Tech Jobs and Female Privilege
Women, who outnumber men in college and are more likely to graduate, are underrepresented in computer science fields. That’s female privilege, unless we condescendingly presume they are making the wrong choices in college.
Overall, women received 18 percent of Computer and Information Sciences undergraduate degrees in 2013, yet were 26% of the computing workforce in 2014 (PDF). Women make up 30% of the workforce at tech giant Apple; at Intel, they represent about 24%; 22% of leaderships positions at Google are held by women.
Compared to their rates of participation in STEM majors in college, women also receive disproportionately higher job offers in IT, engineering and physics.
What should we do about their overrepresentation? Well, Intel is upping the ante, adding additional incentives including referral bonuses that are double for women candidates than male. 25% of Intel’s workforce is female; moreover, 35% of its recent new hires were women, both well above the rates at which they are awarded computer-related degrees. This affirmative action decays into reverse discrimination when they introduced a quota system to draw 40% of recruits in 2015 from underrepresented groups.
It’s female privilege to choose to major in English, literature, communications and gender studies in college. These curricula, it should be no surprise, lead to work in areas like social services, health care, education, and public administration.
What’s wrong with that? The market will decide what those professions are worth. Nevertheless, Google knows best, and is dumping money into programs steering women and minorities into STEM programs -- which implies away from the humanities. But we could all use a bit more humanity, and women should be applauded for pursing the “helping professions.” Besides, there’s also a shortage of healthcare workers, and we could always use competent teachers. Maybe Google should divert resources to free teachers from the yoke of self-serving unions; then we could evaluate their performance and pay a premium for the best. Presumably, paying competent teachers more is okay with Google.
Facebook requires the applicant pool for many jobs to contain at least one minority. Sounds reasonable… until a spokeswoman invoked the Rooney Rule as justification. The Rooney Rule requires teams in the NFL to interview minority candidates for head coaching and other senior roles. The minority coaches hired under this regulation have indeed been successful, and the main reason is they have spent their lives around football and are well versed in its intricacies. Conversely, women are relatively ill-prepared for computer jobs. It’s their privilege to choose other fields.

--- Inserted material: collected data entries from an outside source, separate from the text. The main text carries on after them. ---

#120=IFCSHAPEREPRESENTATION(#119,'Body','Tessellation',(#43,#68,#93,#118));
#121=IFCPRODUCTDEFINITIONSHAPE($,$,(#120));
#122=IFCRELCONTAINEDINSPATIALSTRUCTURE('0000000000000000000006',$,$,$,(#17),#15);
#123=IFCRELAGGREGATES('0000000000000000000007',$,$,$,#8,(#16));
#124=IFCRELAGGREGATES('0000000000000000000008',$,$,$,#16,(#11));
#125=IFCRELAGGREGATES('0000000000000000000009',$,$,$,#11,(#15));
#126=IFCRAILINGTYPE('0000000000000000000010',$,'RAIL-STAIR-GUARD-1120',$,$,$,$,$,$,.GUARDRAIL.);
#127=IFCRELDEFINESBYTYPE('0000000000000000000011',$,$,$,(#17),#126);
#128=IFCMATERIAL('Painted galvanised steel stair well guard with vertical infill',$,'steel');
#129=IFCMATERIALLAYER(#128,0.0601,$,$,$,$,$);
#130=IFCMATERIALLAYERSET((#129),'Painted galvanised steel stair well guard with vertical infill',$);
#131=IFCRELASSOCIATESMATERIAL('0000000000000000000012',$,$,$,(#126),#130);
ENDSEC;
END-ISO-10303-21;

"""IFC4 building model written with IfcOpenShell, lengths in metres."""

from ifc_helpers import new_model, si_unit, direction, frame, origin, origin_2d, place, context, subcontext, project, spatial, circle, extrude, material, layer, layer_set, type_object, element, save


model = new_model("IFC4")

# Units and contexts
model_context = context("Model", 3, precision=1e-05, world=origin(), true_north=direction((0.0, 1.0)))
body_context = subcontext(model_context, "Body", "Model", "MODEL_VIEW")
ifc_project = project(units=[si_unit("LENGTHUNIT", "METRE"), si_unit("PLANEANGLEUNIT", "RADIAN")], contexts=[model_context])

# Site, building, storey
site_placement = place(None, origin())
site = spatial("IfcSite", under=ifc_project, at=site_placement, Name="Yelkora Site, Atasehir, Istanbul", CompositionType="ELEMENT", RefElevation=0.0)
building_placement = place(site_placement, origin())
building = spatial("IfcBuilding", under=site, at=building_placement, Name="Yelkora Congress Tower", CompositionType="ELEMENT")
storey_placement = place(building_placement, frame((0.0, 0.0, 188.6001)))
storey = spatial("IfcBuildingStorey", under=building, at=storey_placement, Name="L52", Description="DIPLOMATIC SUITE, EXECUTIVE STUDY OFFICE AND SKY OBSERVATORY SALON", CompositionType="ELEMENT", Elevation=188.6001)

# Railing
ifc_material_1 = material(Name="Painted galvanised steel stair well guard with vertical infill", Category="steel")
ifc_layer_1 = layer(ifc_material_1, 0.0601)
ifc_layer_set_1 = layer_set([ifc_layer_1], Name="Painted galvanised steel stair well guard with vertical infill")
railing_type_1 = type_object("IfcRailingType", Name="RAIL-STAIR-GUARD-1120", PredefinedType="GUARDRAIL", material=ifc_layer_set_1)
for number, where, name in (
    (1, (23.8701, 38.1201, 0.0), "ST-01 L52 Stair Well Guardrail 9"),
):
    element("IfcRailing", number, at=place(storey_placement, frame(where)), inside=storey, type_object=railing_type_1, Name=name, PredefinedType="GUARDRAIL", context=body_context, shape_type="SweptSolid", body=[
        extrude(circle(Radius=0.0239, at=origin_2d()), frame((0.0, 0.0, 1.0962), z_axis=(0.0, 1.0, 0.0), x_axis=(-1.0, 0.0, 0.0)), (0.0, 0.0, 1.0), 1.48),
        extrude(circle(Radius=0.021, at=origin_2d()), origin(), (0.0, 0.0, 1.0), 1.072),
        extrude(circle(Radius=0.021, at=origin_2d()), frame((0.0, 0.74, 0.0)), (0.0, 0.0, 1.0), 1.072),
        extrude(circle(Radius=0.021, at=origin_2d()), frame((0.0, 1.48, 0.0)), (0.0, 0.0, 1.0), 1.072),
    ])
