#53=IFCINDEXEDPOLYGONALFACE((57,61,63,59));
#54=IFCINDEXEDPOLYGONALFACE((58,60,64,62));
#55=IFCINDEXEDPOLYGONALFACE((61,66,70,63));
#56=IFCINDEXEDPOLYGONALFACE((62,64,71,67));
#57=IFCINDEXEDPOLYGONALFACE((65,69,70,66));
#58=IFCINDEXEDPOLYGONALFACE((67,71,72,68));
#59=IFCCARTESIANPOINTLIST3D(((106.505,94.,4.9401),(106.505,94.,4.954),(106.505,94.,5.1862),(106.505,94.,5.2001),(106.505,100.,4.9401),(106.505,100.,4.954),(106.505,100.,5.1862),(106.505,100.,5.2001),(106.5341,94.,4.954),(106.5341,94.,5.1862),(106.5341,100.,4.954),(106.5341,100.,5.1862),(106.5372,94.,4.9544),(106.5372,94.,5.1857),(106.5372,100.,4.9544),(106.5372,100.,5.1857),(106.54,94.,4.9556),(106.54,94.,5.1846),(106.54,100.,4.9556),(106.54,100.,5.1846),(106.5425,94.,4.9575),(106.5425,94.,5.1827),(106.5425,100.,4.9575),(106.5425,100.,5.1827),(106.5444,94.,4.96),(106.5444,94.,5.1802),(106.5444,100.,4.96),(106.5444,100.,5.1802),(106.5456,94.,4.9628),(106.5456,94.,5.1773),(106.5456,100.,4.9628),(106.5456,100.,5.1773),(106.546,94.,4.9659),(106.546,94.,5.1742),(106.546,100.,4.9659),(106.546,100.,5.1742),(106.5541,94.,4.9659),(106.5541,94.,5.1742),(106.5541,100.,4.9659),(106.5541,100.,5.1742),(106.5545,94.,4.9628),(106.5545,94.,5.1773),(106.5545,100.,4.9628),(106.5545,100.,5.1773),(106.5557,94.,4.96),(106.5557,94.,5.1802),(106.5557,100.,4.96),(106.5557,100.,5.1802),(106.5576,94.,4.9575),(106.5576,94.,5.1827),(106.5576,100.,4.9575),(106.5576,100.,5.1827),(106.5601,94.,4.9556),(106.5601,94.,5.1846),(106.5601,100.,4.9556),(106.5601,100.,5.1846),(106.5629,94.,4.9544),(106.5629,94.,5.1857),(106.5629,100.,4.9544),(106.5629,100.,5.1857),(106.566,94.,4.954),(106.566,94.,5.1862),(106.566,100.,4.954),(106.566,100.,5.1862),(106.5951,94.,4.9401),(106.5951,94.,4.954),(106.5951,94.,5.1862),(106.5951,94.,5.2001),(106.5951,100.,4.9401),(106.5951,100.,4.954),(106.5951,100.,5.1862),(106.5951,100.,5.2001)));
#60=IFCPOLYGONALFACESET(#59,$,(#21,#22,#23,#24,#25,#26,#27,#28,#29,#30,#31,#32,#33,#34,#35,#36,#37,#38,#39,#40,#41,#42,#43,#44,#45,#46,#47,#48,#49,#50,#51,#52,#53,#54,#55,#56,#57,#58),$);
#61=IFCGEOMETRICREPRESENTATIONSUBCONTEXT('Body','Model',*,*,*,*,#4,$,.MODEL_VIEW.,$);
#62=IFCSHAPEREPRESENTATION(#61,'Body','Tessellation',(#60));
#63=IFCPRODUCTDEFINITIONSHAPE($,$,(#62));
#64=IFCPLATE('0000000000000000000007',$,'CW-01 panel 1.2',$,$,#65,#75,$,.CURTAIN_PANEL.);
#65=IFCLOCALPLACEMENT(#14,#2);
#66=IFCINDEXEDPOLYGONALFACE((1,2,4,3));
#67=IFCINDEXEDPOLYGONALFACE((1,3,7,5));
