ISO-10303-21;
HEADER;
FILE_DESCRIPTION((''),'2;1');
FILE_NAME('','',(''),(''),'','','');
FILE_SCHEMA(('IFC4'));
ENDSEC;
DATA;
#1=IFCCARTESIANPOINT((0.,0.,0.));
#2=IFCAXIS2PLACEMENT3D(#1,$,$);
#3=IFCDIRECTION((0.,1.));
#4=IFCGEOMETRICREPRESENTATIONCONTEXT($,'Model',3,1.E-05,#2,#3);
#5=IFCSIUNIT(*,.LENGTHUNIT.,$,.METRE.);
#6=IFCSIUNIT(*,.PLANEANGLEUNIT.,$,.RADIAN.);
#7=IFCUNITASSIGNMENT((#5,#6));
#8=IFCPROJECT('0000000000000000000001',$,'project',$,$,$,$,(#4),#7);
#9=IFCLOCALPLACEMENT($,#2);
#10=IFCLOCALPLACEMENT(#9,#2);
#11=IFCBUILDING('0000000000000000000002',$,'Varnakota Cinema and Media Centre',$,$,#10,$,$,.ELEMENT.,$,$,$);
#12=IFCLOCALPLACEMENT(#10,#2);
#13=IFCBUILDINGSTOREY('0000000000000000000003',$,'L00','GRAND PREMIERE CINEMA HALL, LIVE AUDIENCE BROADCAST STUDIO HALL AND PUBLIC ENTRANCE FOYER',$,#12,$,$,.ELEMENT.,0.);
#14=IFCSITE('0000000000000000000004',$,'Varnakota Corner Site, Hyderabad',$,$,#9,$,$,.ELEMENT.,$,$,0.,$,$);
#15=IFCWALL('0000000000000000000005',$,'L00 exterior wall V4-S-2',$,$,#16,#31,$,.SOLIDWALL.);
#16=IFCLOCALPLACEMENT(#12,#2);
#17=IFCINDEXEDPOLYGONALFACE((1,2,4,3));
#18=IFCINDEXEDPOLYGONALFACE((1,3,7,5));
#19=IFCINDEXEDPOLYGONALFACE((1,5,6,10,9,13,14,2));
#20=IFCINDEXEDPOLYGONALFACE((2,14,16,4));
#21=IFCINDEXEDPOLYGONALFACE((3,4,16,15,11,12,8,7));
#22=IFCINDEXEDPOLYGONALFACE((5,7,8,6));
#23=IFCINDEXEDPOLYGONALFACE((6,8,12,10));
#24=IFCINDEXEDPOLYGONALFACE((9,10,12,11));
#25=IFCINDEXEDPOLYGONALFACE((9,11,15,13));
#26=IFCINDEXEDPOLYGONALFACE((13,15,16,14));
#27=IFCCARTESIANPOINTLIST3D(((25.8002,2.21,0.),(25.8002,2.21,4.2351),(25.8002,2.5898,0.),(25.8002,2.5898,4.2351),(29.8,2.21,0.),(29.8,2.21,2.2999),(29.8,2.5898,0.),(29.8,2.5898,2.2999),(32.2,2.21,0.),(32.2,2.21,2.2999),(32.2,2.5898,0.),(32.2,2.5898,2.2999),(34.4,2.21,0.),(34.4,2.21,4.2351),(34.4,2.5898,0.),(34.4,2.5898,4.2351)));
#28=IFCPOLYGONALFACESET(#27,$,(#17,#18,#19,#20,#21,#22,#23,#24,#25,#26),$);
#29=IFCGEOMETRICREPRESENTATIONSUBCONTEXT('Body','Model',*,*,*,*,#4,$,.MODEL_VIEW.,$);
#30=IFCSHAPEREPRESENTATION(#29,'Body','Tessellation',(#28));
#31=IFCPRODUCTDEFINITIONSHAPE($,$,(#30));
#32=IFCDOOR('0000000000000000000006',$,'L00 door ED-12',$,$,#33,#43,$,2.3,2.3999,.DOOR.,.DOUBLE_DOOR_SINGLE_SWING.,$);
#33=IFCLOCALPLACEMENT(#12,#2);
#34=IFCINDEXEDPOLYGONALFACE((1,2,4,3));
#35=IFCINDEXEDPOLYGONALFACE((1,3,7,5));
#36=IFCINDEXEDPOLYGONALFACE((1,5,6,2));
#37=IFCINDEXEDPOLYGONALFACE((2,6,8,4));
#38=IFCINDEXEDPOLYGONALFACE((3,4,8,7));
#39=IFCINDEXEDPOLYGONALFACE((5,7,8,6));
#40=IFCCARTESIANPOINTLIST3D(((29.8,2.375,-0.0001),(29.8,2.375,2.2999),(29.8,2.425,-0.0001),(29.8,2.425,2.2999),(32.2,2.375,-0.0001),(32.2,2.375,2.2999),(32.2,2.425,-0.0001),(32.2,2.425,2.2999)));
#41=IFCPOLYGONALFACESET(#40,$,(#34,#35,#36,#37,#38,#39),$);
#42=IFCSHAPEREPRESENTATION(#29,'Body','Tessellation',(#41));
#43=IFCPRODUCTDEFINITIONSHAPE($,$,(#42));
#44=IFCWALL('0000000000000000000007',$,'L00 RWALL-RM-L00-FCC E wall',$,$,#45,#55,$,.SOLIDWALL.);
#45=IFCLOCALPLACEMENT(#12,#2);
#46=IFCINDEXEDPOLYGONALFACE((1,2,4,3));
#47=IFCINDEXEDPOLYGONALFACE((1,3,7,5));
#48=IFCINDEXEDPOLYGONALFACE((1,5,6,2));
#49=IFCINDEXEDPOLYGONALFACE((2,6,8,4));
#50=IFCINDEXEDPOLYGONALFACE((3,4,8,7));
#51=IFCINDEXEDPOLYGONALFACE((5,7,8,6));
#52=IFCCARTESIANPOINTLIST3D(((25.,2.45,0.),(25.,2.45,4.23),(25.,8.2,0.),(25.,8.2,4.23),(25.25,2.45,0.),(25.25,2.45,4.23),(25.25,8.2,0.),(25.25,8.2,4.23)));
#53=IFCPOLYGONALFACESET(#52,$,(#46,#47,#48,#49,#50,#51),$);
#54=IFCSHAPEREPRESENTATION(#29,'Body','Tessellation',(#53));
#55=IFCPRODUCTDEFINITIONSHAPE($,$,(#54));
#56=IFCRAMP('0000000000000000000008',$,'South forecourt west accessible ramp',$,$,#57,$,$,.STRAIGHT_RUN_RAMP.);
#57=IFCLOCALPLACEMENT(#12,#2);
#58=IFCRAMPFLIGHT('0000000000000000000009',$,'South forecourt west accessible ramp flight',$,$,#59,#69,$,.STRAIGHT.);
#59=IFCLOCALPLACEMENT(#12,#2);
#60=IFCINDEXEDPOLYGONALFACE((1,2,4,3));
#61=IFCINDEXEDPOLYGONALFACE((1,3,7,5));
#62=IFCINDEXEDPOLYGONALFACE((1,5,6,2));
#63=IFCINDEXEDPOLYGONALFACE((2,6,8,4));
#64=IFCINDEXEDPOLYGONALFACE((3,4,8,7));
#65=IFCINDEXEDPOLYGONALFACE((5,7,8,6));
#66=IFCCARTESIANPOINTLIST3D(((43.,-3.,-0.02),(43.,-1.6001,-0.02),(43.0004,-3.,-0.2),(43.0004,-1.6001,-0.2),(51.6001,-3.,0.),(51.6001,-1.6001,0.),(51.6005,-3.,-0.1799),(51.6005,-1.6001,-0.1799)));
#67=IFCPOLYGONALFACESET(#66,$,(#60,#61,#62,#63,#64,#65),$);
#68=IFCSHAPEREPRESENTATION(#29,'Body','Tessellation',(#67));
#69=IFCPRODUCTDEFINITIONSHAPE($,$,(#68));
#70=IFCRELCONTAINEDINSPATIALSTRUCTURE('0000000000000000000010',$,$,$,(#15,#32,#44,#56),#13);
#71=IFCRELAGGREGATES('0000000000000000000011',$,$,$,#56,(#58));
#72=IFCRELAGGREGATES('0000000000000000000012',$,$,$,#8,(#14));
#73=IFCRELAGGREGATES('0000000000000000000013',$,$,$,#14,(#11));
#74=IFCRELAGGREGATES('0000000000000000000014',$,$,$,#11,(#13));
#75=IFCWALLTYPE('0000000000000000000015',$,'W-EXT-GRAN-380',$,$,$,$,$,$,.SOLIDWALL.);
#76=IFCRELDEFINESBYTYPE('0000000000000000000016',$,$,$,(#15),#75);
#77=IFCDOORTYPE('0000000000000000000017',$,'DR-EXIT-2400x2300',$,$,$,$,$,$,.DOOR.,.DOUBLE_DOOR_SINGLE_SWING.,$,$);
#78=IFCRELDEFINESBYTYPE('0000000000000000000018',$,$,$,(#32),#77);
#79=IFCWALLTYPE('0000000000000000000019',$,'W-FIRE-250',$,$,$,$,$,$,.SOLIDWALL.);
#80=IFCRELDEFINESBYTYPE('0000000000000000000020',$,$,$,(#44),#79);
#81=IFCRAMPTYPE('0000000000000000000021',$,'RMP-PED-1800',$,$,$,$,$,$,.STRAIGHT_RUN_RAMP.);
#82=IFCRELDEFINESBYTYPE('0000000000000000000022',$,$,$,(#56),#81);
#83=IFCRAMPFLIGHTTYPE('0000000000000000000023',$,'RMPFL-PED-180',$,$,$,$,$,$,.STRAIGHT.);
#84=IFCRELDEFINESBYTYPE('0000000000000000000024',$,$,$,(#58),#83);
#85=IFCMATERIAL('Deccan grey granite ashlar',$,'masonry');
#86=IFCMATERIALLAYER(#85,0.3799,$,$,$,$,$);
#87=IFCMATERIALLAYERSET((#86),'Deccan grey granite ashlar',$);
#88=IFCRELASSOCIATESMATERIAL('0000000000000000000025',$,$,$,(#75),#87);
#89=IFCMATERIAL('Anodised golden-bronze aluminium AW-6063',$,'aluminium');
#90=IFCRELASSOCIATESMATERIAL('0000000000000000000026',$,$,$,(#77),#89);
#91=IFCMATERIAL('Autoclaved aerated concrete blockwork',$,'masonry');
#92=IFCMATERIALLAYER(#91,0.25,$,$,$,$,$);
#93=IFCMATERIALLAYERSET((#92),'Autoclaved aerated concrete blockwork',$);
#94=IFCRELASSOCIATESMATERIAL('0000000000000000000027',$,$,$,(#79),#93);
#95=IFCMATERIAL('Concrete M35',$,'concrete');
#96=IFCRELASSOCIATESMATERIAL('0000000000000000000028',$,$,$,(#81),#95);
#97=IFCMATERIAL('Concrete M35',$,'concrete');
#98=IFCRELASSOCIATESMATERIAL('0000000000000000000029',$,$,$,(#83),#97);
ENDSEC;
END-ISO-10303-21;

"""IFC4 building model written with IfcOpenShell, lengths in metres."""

from ifc_helpers import new_model, si_unit, direction, frame, frame_2d, origin, place, context, subcontext, project, spatial, polyline, rectangle, outline, extrude, material, layer, layer_set, type_object, element, fill, aggregate, save


model = new_model("IFC4")

# Units and contexts
model_context = context("Model", 3, precision=1e-05, world=origin(), true_north=direction((0.0, 1.0)))
body_context = subcontext(model_context, "Body", "Model", "MODEL_VIEW")
ifc_project = project(units=[si_unit("LENGTHUNIT", "METRE"), si_unit("PLANEANGLEUNIT", "RADIAN")], contexts=[model_context])

# Site, building, storey
site_placement = place(None, origin())
site = spatial("IfcSite", under=ifc_project, at=site_placement, Name="Varnakota Corner Site, Hyderabad", CompositionType="ELEMENT", RefElevation=0.0)
building_placement = place(site_placement, origin())
building = spatial("IfcBuilding", under=site, at=building_placement, Name="Varnakota Cinema and Media Centre", CompositionType="ELEMENT")
storey_placement = place(building_placement, origin())
storey = spatial("IfcBuildingStorey", under=building, at=storey_placement, Name="L00", Description="GRAND PREMIERE CINEMA HALL, LIVE AUDIENCE BROADCAST STUDIO HALL AND PUBLIC ENTRANCE FOYER", CompositionType="ELEMENT", Elevation=0.0)

# Shared definitions
ifc_material_1 = material(Name="Deccan grey granite ashlar", Category="masonry")
ifc_layer_1 = layer(ifc_material_1, 0.3799)
ifc_layer_set_1 = layer_set([ifc_layer_1], Name="Deccan grey granite ashlar")
wall_type_1 = type_object("IfcWallType", Name="W-EXT-GRAN-380", PredefinedType="SOLIDWALL", material=ifc_layer_set_1)

# Wall, opening, door
wall_1_placement = place(storey_placement, frame((34.3999, 2.3999, 0.0), z_axis=(0.0, 0.0, 1.0), x_axis=(-1.0, 0.0, 0.0)))
wall_1 = element("IfcWall", 1, at=wall_1_placement, inside=storey, type_object=wall_type_1, Name="L00 exterior wall V4-S-2", PredefinedType="SOLIDWALL", context=body_context, shape_type="SweptSolid", body=[
    extrude(rectangle(XDim=8.5999, YDim=0.3799, at=frame_2d((4.2998, 0.0))), origin(), (0.0, 0.0, 1.0), 4.2351),
])
opening_1_placement = place(wall_1_placement, frame((2.2, 0.0, 0.0)))
opening_1 = element("IfcOpeningElement", 2, at=opening_1_placement, cuts=wall_1, PredefinedType="OPENING", context=body_context, shape_type="SweptSolid", body=[
    extrude(rectangle(XDim=2.3999, YDim=2.3, at=frame_2d((1.2, 1.1499))), frame((0.0, 0.1899, 0.0), z_axis=(0.0, -1.0, 0.0), x_axis=(1.0, 0.0, 0.0)), (0.0, 0.0, 1.0), 0.3799),
])
ifc_material_2 = material(Name="Anodised golden-bronze aluminium AW-6063", Category="aluminium")
door_type_1 = type_object("IfcDoorType", Name="DR-EXIT-2400x2300", OperationType="DOUBLE_DOOR_SINGLE_SWING", PredefinedType="DOOR", material=ifc_material_2)
door_1_placement = place(opening_1_placement, origin())
door_1 = element("IfcDoor", 3, at=door_1_placement, inside=storey, type_object=door_type_1, Name="L00 door ED-12", OperationType="DOUBLE_DOOR_SINGLE_SWING", OverallHeight=2.3, OverallWidth=2.3999, PredefinedType="DOOR", context=body_context, shape_type="SweptSolid", body=[
    extrude(rectangle(XDim=2.3999, YDim=2.3, at=frame_2d((1.2, 1.1499))), frame((0.0, 0.0249, 0.0), z_axis=(0.0, -1.0, 0.0), x_axis=(1.0, 0.0, 0.0)), (0.0, 0.0, 1.0), 0.05),
])
fill(opening_1, door_1)

# Wall
ifc_material_3 = material(Name="Autoclaved aerated concrete blockwork", Category="masonry")
ifc_layer_2 = layer(ifc_material_3, 0.25)
ifc_layer_set_2 = layer_set([ifc_layer_2], Name="Autoclaved aerated concrete blockwork")
wall_type_2 = type_object("IfcWallType", Name="W-FIRE-250", PredefinedType="SOLIDWALL", material=ifc_layer_set_2)
wall_2_placement = place(storey_placement, frame((25.125, 8.2, 0.0), z_axis=(0.0, 0.0, 1.0), x_axis=(0.0, -1.0, 0.0)))
element("IfcWall", 4, at=wall_2_placement, inside=storey, type_object=wall_type_2, Name="L00 RWALL-RM-L00-FCC E wall", PredefinedType="SOLIDWALL", context=body_context, shape_type="SweptSolid", body=[
    extrude(rectangle(XDim=5.75, YDim=0.25, at=frame_2d((2.875, 0.0))), origin(), (0.0, 0.0, 1.0), 4.23),
])

# Ramp, ramp flight
ifc_material_4 = material(Name="Concrete M35", Category="concrete")
ramp_type = type_object("IfcRampType", Name="RMP-PED-1800", PredefinedType="STRAIGHT_RUN_RAMP", material=ifc_material_4)
ramp_placement = place(storey_placement, frame((47.3, -2.3, -0.0601), z_axis=(0.0, 0.0, 1.0), x_axis=(1.0, 0.0, 0.0)))
ramp = element("IfcRamp", 5, at=ramp_placement, inside=storey, type_object=ramp_type, Name="South forecourt west accessible ramp", PredefinedType="STRAIGHT_RUN_RAMP")
ifc_material_5 = material(Name="Concrete M35", Category="concrete")
ramp_flight_type = type_object("IfcRampFlightType", Name="RMPFL-PED-180", PredefinedType="STRAIGHT", material=ifc_material_5)
ramp_flight_placement = place(storey_placement, frame((43.0, -3.0, -0.02), z_axis=(-0.002328, 0.0, 0.999997), x_axis=(0.999997, 0.0, 0.002328)))
ramp_flight = element("IfcRampFlight", 6, at=ramp_flight_placement, type_object=ramp_flight_type, Name="South forecourt west accessible ramp flight", PredefinedType="STRAIGHT", context=body_context, shape_type="SweptSolid", body=[
    extrude(outline(polyline([(0.0, 0.0), (8.6001, 0.0), (8.6001, 1.3999), (0.0, 1.3999), (0.0, 0.0)])), origin(), (0.0, 0.0, -1.0), 0.1799),
])
aggregate(ramp, [ramp_flight])

save(model, "model.ifc")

A main justification for this obsession with forced diversity is the oft-repeated bromide that you get better solutions from more diverse teams. The research on this is not absolutely settled. “Perhaps the most popular prescription for creativity and breakthroughs is multidisciplinary collaboration,” writes one prominent researcher. “Companies should go for depth, not breadth, when assembling a diverse team.” It’s the “depth” of ideas and creativity that produces better solutions, and this can emanate from cultural, geographical and perhaps socio-economic diversity – not just the liberal diversity paradigm that foments discord between gender and races.
One of mankind’s greatest adventures was landing a man on the moon. With profound deference to Margaret Hamilton, the genius chief architect behind the lunar module’s guidance software, the Apollo mission personnel were not exactly diverse by today’s standards. Total devotion was required -- there was little time for the work-life balance.
NASA provides another example that finding better solutions doesn’t always require the type of diversity proselytized by liberal orthodoxy. Consider Apollo 13, which was fraught with many doomsday scenarios after the explosion and rupture of an oxygen tank in the service module. One was a dangerous buildup of carbon dioxide. Using only the type of equipment and tools the crew had on board, the NASA engineers developed a contraption that absorbed carbon dioxide and then guided the astronauts in replicating the “square canister in a round hole.” Take a look at a picture of them -- not much “diversity” there, even though “failure [was] not an option.”
Apple CEO Tim Cook, it should be no surprise, also relishes diversity: “If you believe as we believe that diversity leads to better products…then you obviously put a ton of energy behind diversity.” Wait a second, Apple’s workforce, as of last year, was 30% female. Essentially the same workforce that produced “i”conic products like the iPod, iPhone, and iPad. Products that brought huge fanfare, huge demand and, as some have estimated, noticeably boosted U.S. GDP. All without much diversity.
Getting those products to market rapidly without sacrificing quality was imperative. Could it have anything to do with the fact that men generally work longer hours and are more disposed to travel and working on weekends? This is well known as the gender-hours gap, and in addition to their academic preparations, helps explain why men thrive in high-tempo operations at the forefront of technological change.
Women are outperforming men in many other endeavors. They are also the glue that holds families together and inject some civility into society. Thank goodness they are predisposed towards the helping professions.
Female privilege should not be contravened by the liberal technocracy, or by Silicon Valley’s limousine liberals who overwhelmingly support Democrats (not much diversity there). These groups drink from the trough of divisive identity politics; they are all too happy to perpetuate the gender pay gap myth in trying to dissuade brilliant women from professionally pursuing their nurturing instincts.
Female privilege should be celebrated.